I assume by "miniature" you mean non-complex and you don't agree with both 3 & 4. I'm still not sure exactly what you mean by complexity, though. Is intelligence a prerequisite of complexity for you, or do you place a particularly high value on any non-intelligent plants that have evolved an incredible level of complexity?
If you believe #1, would you adjust your scale assuming a higher intelligence is found? You consider simple organisms to not have value, but what if we found alien life that makes humans look incredibly simple in comparison? Would humans lose their value in your eyes?
If you believe #2, what level of complexity is necessary for a life to have value?
Quote:It would seem to me to be inherently bad to be destroying a precious existence and, to our knowledge, the rarest thing in the universe.
I'm not sure about killing being inherently bad. That seems to be an objective view of morality. I consider morality to be a construct of the mind, which makes it subjective. I'd be interested in hearing your arguments for objective morality if I'm correct that that's your viewpoint.
Quote:Secondly, I would assume that murder is intrinsicly bad because it violates the person's right to act autonomously, thus we would be removing that entirely if we were to kill them.
Omit "intrinsically," switch "murder" with "killing" and "person" with "being," and I share a very similar view.

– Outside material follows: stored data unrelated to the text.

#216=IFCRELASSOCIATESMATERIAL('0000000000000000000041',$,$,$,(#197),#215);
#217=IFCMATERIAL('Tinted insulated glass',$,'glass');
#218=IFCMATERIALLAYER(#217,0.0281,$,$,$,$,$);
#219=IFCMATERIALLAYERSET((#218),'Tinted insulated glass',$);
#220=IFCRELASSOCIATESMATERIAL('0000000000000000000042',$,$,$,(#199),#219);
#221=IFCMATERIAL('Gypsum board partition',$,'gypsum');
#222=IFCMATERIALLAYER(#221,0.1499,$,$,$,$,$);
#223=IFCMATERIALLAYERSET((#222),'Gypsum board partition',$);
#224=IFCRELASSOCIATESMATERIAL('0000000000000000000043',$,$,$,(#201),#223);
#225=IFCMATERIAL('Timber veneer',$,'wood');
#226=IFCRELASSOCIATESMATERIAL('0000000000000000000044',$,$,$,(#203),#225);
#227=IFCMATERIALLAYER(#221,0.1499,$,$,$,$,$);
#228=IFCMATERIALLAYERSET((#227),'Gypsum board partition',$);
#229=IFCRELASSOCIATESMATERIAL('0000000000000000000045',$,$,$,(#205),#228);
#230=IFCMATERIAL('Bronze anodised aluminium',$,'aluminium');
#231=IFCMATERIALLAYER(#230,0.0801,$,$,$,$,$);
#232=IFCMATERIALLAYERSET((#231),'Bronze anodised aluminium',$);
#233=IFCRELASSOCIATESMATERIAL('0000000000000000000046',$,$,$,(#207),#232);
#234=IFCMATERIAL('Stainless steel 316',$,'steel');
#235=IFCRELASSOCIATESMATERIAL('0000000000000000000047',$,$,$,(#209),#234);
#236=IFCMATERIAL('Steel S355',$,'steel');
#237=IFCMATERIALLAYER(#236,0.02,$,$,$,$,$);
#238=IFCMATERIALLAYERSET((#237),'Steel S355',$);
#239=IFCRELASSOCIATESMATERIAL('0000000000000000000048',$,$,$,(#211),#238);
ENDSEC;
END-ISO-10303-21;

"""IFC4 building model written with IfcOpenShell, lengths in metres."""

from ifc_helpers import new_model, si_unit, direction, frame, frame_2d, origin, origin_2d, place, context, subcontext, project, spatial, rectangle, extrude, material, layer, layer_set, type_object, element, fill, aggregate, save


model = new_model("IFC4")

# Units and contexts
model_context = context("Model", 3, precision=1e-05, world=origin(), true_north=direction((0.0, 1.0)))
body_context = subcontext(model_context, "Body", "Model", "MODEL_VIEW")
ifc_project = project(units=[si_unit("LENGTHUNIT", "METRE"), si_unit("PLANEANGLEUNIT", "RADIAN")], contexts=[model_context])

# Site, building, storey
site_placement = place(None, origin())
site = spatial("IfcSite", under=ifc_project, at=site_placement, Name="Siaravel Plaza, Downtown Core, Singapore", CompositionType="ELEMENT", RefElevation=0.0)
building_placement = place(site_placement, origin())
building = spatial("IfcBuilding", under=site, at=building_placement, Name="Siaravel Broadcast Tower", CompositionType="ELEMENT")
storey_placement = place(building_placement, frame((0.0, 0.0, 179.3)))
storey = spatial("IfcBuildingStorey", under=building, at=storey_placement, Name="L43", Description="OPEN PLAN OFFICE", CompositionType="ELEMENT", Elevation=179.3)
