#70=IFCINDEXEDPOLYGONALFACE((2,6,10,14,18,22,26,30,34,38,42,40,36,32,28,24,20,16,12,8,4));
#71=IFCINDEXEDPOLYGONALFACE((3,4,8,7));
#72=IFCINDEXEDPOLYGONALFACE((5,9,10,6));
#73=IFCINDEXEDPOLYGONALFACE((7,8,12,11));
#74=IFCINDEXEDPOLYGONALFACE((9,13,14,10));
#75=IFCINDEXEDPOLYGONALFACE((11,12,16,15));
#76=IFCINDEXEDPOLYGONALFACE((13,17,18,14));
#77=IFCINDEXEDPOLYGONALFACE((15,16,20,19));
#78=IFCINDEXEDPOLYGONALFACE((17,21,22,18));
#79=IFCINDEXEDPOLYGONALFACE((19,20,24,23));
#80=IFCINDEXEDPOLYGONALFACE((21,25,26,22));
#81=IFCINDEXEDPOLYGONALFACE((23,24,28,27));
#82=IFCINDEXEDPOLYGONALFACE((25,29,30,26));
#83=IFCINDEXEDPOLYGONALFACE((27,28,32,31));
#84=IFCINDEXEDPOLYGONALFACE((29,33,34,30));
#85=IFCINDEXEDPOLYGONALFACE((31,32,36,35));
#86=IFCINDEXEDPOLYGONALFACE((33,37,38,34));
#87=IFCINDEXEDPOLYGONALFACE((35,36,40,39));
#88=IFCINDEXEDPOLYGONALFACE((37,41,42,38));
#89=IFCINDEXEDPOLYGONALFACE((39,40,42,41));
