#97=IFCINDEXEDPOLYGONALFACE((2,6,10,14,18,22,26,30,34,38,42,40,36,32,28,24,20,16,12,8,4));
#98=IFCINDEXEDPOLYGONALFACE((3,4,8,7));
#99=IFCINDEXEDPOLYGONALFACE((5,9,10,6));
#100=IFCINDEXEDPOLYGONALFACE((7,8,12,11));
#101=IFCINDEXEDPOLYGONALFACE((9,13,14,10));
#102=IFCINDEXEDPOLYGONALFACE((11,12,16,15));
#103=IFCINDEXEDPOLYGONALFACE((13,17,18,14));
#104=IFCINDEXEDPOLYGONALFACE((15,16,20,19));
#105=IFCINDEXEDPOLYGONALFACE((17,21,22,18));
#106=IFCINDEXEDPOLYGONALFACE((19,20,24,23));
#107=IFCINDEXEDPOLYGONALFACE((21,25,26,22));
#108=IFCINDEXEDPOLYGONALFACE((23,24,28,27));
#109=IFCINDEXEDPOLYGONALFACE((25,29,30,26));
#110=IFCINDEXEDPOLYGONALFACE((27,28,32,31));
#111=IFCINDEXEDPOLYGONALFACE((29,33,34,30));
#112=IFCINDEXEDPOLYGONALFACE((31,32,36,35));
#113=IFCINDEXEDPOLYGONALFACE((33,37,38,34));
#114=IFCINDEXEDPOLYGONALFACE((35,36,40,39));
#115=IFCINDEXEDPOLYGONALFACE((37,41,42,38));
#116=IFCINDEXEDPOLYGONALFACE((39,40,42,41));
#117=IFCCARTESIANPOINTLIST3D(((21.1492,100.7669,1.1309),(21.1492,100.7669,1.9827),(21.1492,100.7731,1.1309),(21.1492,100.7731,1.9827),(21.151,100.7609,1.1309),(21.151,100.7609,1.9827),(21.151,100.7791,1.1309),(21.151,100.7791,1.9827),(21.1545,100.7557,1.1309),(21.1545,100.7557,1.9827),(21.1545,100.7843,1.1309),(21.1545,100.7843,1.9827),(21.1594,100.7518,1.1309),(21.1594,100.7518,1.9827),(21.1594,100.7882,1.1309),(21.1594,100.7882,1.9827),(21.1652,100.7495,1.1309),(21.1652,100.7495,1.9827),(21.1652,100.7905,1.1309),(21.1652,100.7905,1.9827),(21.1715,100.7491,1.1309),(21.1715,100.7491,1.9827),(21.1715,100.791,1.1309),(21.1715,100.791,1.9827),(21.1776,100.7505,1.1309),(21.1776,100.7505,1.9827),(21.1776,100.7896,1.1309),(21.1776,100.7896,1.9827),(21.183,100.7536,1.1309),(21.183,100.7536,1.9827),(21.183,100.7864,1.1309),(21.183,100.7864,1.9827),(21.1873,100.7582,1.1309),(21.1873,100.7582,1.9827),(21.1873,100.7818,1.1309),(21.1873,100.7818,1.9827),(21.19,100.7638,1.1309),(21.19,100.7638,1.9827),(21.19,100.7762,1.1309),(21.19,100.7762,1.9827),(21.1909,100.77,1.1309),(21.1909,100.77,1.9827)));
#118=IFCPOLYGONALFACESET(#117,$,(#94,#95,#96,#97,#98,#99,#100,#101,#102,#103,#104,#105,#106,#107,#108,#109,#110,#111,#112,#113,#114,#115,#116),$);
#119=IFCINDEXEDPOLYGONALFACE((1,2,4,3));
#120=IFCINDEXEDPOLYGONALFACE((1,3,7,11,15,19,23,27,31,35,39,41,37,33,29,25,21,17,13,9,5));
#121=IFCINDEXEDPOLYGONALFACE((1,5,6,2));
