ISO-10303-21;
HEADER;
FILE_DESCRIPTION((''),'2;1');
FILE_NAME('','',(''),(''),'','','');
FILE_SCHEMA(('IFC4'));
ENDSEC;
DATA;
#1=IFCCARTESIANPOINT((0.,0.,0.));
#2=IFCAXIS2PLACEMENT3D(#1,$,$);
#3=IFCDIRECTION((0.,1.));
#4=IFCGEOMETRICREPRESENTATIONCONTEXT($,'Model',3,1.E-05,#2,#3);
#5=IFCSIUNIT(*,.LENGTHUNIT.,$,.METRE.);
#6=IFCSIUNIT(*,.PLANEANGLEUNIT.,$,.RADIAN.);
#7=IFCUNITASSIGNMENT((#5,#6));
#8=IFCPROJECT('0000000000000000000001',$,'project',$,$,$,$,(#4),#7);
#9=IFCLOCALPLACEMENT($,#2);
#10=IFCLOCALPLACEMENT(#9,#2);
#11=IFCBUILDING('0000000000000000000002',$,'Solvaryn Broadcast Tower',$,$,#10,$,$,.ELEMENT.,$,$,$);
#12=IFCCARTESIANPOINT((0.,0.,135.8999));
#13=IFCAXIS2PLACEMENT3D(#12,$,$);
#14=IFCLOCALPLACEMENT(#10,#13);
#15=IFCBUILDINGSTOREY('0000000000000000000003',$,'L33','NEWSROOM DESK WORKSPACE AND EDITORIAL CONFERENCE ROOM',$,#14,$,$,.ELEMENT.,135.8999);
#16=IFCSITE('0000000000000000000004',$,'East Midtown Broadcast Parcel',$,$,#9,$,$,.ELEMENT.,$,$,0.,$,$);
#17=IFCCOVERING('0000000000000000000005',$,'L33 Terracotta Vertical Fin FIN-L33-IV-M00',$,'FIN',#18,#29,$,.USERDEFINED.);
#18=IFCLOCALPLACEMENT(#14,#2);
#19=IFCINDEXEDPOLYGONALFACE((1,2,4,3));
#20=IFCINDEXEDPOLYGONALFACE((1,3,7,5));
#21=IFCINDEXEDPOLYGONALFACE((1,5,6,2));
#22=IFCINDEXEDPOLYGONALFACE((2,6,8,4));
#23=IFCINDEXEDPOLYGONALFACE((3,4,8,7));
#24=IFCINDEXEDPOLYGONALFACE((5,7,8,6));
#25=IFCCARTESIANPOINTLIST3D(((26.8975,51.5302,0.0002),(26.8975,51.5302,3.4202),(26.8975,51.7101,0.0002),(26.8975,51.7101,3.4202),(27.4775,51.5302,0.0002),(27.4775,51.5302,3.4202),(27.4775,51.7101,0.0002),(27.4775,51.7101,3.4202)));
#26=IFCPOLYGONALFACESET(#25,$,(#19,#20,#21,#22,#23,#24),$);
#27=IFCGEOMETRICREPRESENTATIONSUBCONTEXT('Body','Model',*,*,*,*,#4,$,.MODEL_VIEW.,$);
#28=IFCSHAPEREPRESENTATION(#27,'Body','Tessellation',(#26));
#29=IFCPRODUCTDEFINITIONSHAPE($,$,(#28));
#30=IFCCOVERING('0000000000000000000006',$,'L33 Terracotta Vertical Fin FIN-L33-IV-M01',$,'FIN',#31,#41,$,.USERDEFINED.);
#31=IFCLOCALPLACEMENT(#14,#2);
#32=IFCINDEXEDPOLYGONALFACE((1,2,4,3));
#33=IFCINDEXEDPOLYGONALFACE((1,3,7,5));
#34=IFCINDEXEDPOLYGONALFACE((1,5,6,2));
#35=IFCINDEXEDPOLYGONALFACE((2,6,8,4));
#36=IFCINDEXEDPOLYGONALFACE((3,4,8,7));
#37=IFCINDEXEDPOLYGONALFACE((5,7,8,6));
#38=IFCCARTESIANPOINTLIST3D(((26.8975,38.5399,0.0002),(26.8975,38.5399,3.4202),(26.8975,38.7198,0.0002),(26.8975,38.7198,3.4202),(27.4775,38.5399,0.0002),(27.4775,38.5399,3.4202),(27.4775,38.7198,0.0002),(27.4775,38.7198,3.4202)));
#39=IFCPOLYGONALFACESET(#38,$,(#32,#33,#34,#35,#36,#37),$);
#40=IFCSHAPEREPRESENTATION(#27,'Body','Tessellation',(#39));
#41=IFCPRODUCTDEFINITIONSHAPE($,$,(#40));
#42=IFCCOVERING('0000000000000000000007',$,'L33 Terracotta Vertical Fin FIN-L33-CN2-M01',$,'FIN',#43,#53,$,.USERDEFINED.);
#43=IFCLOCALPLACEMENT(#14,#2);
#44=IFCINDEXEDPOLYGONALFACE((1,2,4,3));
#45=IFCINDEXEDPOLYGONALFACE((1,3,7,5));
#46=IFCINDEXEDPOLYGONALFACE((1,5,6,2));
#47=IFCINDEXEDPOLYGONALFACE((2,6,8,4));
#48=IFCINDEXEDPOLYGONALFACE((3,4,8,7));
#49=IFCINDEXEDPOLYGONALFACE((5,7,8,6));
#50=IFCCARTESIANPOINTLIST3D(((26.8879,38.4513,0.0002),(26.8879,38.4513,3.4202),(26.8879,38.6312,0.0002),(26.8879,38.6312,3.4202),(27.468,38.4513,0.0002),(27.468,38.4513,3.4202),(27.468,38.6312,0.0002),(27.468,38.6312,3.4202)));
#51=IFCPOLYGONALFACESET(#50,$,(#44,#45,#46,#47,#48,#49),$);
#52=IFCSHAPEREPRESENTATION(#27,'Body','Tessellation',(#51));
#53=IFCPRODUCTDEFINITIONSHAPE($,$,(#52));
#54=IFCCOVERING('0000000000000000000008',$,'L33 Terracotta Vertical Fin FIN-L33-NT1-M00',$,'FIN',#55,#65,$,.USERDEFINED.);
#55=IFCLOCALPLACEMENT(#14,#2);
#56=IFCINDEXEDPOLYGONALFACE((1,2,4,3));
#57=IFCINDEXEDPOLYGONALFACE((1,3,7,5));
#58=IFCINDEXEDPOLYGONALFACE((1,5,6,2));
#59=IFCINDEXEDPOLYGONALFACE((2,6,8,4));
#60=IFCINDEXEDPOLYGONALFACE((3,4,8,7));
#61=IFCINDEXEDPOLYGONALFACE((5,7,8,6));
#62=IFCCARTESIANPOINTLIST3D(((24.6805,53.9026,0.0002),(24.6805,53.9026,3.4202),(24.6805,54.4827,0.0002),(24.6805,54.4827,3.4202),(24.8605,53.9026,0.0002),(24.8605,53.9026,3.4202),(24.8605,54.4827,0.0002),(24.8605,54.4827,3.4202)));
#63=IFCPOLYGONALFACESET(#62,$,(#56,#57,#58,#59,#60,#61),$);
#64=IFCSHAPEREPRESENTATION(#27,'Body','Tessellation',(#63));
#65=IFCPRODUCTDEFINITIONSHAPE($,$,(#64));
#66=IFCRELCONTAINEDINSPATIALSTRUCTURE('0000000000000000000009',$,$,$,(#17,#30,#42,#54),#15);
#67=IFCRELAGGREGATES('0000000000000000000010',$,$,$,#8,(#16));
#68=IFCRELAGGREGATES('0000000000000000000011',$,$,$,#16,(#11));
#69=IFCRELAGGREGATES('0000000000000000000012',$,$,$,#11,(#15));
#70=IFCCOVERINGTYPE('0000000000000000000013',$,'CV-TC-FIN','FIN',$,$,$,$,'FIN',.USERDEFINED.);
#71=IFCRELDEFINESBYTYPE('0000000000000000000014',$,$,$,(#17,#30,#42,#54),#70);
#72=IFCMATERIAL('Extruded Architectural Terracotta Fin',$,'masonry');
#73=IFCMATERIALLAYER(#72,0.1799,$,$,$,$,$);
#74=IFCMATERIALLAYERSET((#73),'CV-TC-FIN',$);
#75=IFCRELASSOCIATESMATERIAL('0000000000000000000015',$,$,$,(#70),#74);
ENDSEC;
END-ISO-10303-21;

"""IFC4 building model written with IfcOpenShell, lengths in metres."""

from ifc_helpers import new_model, si_unit, direction, frame, origin, origin_2d, place, context, subcontext, project, spatial, rectangle, extrude, material, layer, layer_set, type_object, element, save


model = new_model("IFC4")

# Units and contexts
model_context = context("Model", 3, precision=1e-05, world=origin(), true_north=direction((0.0, 1.0)))
body_context = subcontext(model_context, "Body", "Model", "MODEL_VIEW")
ifc_project = project(units=[si_unit("LENGTHUNIT", "METRE"), si_unit("PLANEANGLEUNIT", "RADIAN")], contexts=[model_context])

# Site, building, storey
site_placement = place(None, origin())
site = spatial("IfcSite", under=ifc_project, at=site_placement, Name="East Midtown Broadcast Parcel", CompositionType="ELEMENT", RefElevation=0.0)
building_placement = place(site_placement, origin())
building = spatial("IfcBuilding", under=site, at=building_placement, Name="Solvaryn Broadcast Tower", CompositionType="ELEMENT")
storey_placement = place(building_placement, frame((0.0, 0.0, 135.8999)))
storey = spatial("IfcBuildingStorey", under=building, at=storey_placement, Name="L33", Description="NEWSROOM DESK WORKSPACE AND EDITORIAL CONFERENCE ROOM", CompositionType="ELEMENT", Elevation=135.8999)

# Coverings
ifc_material_1 = material(Name="Extruded Architectural Terracotta Fin", Category="masonry")
ifc_layer_1 = layer(ifc_material_1, 0.1799)
ifc_layer_set_1 = layer_set([ifc_layer_1], Name="CV-TC-FIN")
covering_type = type_object("IfcCoveringType", Name="CV-TC-FIN", Description="FIN", ElementType="FIN", PredefinedType="USERDEFINED", material=ifc_layer_set_1)
for number, where, z_axis, x_axis, name in (
    (1, (27.1875, 51.6201, 0.0002), (0.0, 0.0, 1.0), (1.0, 0.0, 0.0), "L33 Terracotta Vertical Fin FIN-L33-IV-M00"),
    (2, (27.1875, 38.6299, 0.0002), (0.0, 0.0, 1.0), (1.0, 0.0, 0.0), "L33 Terracotta Vertical Fin FIN-L33-IV-M01"),
    (3, (27.178, 38.5413, 0.0002), (0.0, 0.0, 1.0), (1.0, 0.0, 0.0), "L33 Terracotta Vertical Fin FIN-L33-CN2-M01"),
):
    element("IfcCovering", number, at=place(storey_placement, frame(where, z_axis=z_axis, x_axis=x_axis)), inside=storey, type_object=covering_type, Name=name, ObjectType="FIN", PredefinedType="USERDEFINED", context=body_context, shape_type="SweptSolid", body=[
        extrude(rectangle(XDim=0.5801, YDim=0.1799, at=origin_2d()), origin(), (0.0, 0.0, 1.0), 3.4199),
    ])
covering_placement = place(storey_placement, frame((24.7705, 54.1926, 0.0002), z_axis=(0.0, 0.0, 1.0), x_axis=(1.0, 0.0, 0.0)))
element("IfcCovering", 4, at=covering_placement, inside=storey, type_object=covering_type, Name="L33 Terracotta Vertical Fin FIN-L33-NT1-M00", ObjectType="FIN", PredefinedType="USERDEFINED", context=body_context, shape_type="SweptSolid", body=[
    extrude(rectangle(XDim=0.1799, YDim=0.5801, at=origin_2d()), origin(), (0.0, 0.0, 1.0), 3.4199),
])

save(model, "model.ifc")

As for my views of morality, I consider intelligence to be what gives a being value. I don't have a sliding scale where higher intelligence gives higher value, though. It'd be nice, but that view fell apart pretty quickly when they made me stop eating creationists. Once I've determined whether a being has value (i.e. is intelligent), it's the golden rule in conjunction with its brother, "don't do to others what they don't want you to do to them." I end up having to choose the lesser of two evils quite often due to the harsh nature of reality, but I consider that a much more reasonable situation than simply shrugging my shoulders and ignoring the evils entirely.